Vous avez subi un événement (accident de la route, agression, accidents de la vie, accident médical) qui vous a causé des dommages corporels ?
Vous vous trouvez probablement au début ou au milieu d’un parcours du combattant. Celui nécessaire pour obtenir la juste indemnisation de ce préjudice corporel. Il comporte nécessairement des expertises médicales. On vous a sans doute conseillé de faire appel à un médecin expert de recours.
Autrement dit un médecin qui « est de votre côté ».
Mais comment devez-vous le choisir ? Et de qui s’agit-il précisément ?
Dans quelle situation vous trouvez-vous exactement ?
La notion d’expertise médicale est intimement liée à l’expertise du médecin, au fait qu’il ait étudié la matière et qu’il sache donc vous ausculter. Cependant, un médecin n’est appelé « médecin expert » que s’il a été nommé par un tribunal. Et donc s’il figure sur une liste spécifique de médecins habilités à être désignés par les tribunaux lorsqu’ils ordonnent une « expertise judiciaire ».

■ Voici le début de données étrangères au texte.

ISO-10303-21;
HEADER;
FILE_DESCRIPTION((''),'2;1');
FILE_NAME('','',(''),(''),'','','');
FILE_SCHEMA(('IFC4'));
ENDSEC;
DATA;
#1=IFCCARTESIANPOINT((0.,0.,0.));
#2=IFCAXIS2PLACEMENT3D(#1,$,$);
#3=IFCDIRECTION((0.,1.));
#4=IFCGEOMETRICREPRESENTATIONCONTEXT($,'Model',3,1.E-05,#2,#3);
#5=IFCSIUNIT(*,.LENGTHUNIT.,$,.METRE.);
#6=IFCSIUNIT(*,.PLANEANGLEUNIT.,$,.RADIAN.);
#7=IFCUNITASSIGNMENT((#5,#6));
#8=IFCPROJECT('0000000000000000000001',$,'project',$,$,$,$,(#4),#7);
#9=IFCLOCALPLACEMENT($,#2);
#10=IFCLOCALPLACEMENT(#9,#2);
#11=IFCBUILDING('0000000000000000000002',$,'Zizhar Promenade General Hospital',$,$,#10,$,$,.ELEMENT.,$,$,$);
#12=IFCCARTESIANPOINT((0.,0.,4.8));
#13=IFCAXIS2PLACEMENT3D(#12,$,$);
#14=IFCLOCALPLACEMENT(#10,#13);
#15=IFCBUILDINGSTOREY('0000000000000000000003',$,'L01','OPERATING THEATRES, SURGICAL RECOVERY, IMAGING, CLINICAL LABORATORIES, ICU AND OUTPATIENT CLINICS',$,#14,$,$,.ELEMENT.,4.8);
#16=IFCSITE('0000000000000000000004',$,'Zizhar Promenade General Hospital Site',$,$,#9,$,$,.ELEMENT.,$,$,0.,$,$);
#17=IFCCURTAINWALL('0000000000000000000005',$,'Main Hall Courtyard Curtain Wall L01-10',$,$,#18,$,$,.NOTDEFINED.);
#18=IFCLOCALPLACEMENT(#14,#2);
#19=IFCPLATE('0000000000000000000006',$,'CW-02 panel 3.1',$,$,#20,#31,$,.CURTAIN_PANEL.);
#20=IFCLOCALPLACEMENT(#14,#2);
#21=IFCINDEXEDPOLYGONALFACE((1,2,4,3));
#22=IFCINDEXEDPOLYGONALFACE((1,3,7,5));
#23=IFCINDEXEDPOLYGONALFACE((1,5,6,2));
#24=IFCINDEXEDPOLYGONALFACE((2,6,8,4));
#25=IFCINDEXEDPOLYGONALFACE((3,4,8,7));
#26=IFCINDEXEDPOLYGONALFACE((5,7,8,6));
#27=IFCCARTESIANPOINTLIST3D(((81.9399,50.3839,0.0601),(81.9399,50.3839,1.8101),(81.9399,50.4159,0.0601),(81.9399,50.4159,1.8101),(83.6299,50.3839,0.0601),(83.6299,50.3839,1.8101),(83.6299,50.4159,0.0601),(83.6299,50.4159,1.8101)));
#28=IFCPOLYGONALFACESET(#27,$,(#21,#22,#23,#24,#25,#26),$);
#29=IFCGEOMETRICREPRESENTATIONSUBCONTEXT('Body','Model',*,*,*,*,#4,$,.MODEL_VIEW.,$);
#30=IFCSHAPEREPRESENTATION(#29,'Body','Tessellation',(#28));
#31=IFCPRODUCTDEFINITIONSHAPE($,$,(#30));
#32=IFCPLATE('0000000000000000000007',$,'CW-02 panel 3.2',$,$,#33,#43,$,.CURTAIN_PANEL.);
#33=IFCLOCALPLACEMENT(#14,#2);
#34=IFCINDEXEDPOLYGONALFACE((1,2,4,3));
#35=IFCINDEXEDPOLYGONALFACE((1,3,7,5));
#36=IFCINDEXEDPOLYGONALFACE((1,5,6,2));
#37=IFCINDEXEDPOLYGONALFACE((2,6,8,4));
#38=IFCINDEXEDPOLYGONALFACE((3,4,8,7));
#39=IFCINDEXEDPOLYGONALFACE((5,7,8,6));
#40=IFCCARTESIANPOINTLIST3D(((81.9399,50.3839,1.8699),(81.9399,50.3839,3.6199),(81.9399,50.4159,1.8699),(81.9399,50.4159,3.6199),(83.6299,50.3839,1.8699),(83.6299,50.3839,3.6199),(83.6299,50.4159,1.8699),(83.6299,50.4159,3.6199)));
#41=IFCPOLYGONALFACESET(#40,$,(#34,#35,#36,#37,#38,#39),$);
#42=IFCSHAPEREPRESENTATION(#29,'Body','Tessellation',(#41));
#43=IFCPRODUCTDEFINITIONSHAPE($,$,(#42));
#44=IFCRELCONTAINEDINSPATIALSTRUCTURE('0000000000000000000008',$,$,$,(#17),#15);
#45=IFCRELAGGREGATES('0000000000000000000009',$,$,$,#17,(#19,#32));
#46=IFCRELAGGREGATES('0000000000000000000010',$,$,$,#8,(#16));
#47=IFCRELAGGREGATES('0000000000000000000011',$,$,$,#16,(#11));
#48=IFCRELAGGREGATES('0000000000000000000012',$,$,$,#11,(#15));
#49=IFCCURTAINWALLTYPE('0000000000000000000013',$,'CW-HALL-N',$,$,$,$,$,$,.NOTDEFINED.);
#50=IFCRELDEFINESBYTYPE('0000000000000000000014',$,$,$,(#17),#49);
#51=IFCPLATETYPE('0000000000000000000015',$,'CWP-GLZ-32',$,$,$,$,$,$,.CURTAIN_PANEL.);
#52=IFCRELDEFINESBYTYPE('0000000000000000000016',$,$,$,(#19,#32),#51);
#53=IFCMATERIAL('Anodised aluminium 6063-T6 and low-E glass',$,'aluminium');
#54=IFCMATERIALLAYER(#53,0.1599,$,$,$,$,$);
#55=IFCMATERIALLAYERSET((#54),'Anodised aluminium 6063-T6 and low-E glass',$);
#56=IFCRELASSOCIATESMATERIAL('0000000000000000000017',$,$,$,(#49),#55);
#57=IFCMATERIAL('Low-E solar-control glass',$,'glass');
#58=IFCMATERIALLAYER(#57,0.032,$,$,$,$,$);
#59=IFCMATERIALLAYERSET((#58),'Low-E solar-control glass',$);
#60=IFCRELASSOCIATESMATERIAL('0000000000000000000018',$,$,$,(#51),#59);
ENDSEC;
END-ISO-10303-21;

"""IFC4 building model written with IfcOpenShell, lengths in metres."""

from ifc_helpers import new_model, si_unit, direction, frame, origin, origin_2d, place, context, subcontext, project, spatial, rectangle, extrude, material, layer, layer_set, type_object, element, aggregate, save


model = new_model("IFC4")

# Units and contexts
model_context = context("Model", 3, precision=1e-05, world=origin(), true_north=direction((0.0, 1.0)))
body_context = subcontext(model_context, "Body", "Model", "MODEL_VIEW")
ifc_project = project(units=[si_unit("LENGTHUNIT", "METRE"), si_unit("PLANEANGLEUNIT", "RADIAN")], contexts=[model_context])

# Site, building, storey
site_placement = place(None, origin())
site = spatial("IfcSite", under=ifc_project, at=site_placement, Name="Zizhar Promenade General Hospital Site", CompositionType="ELEMENT", RefElevation=0.0)
building_placement = place(site_placement, origin())
building = spatial("IfcBuilding", under=site, at=building_placement, Name="Zizhar Promenade General Hospital", CompositionType="ELEMENT")
storey_placement = place(building_placement, frame((0.0, 0.0, 4.8)))
storey = spatial("IfcBuildingStorey", under=building, at=storey_placement, Name="L01", Description="OPERATING THEATRES, SURGICAL RECOVERY, IMAGING, CLINICAL LABORATORIES, ICU AND OUTPATIENT CLINICS", CompositionType="ELEMENT", Elevation=4.8)

# Shared definitions
ifc_material_1 = material(Name="Anodised aluminium 6063-T6 and low-E glass", Category="aluminium")
ifc_layer_1 = layer(ifc_material_1, 0.1599)
ifc_layer_set_1 = layer_set([ifc_layer_1], Name="Anodised aluminium 6063-T6 and low-E glass")
curtain_wall_type = type_object("IfcCurtainWallType", Name="CW-HALL-N", PredefinedType="NOTDEFINED", material=ifc_layer_set_1)

# Curtain wall
curtain_wall_1_placement = place(storey_placement, origin())
curtain_wall_1 = element("IfcCurtainWall", 1, at=curtain_wall_1_placement, inside=storey, type_object=curtain_wall_type, Name="Main Hall Courtyard Curtain Wall L01-10", PredefinedType="NOTDEFINED")

# Plates
ifc_material_2 = material(Name="Low-E solar-control glass", Category="glass")
ifc_layer_2 = layer(ifc_material_2, 0.032)
ifc_layer_set_2 = layer_set([ifc_layer_2], Name="Low-E solar-control glass")
plate_type = type_object("IfcPlateType", Name="CWP-GLZ-32", PredefinedType="CURTAIN_PANEL", material=ifc_layer_set_2)
plate_1_placement = place(storey_placement, frame((82.7849, 50.3999, 0.0601), z_axis=(0.0, 0.0, 1.0), x_axis=(1.0, 0.0, 0.0)))
plate_1 = element("IfcPlate", 2, at=plate_1_placement, type_object=plate_type, Name="CW-02 panel 3.1", PredefinedType="CURTAIN_PANEL", context=body_context, shape_type="SweptSolid", body=[
    extrude(rectangle(XDim=1.6899, YDim=0.032, at=origin_2d()), origin(), (0.0, 0.0, 1.0), 1.75),
])
plate_2_placement = place(storey_placement, frame((82.7849, 50.3999, 1.8699), z_axis=(0.0, 0.0, 1.0), x_axis=(1.0, 0.0, 0.0)))
plate_2 = element("IfcPlate", 3, at=plate_2_placement, type_object=plate_type, Name="CW-02 panel 3.2", PredefinedType="CURTAIN_PANEL", context=body_context, shape_type="SweptSolid", body=[
    extrude(rectangle(XDim=1.6899, YDim=0.032, at=origin_2d()), origin(), (0.0, 0.0, 1.0), 1.75),
])
aggregate(curtain_wall_1, [plate_1, plate_2])

save(model, "model.ifc")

Lorsque vous avez besoin de faire appel à un médecin de recours, vous n’en êtes pas forcément déjà à ce stade assez conflictuel où un tribunal est saisi.
Vous êtes peut-être tout simplement dans la situation où la compagnie d’assurance du responsable de l’accident, ou votre propre assureur, veut vous faire rencontrer son médecin conseil.
Le médecin conseil représentera la compagnie d’assurance, alors que le médecin de recours vous assistera à cette expertise. L’objectif de cette réunion avec ces professionnels étant de produire un rapport d’expertise qui servira de base de travail pour le calcul de l’indemnisation de vos préjudices corporels.
Que devez-vous comprendre dans une telle situation ?
Pourquoi tant de monde ? La médecine n’est-elle donc pas une science objective qui ne nécessiterait l’intervention que d’un seul médecin ? N’y a-t-il donc pas des barèmes qui permettent d’établir les indemnisations de façon rationnelle et objective en fonction de telle ou telle incapacité ou de telle ou telle séquelle ?
Eh bien justement pas.
Contrairement à ce que l’on croit trop souvent, il n’y a pas de système de référence objectif pour l’évaluation d’un dommage corporel. Bien sûr, il existe une nomenclature listant les préjudices à évaluer, mais ce n’est qu’une aide à la décision, et non une grille précise qui permet de trancher définitivement et objectivement. En revanche, les médecins procéderont à une évaluation précise de telle ou telle incapacité en termes chiffrés (10%, 15% , 30%, etc.) sur la base d’un barème qui leur sert d’outil, celui du Concours Médical.
Tout le monde a donc intérêt, dans une telle situation, à ce que les spécialistes, médecins conseils et médecins de recours, discutent entre eux, de façon amiable.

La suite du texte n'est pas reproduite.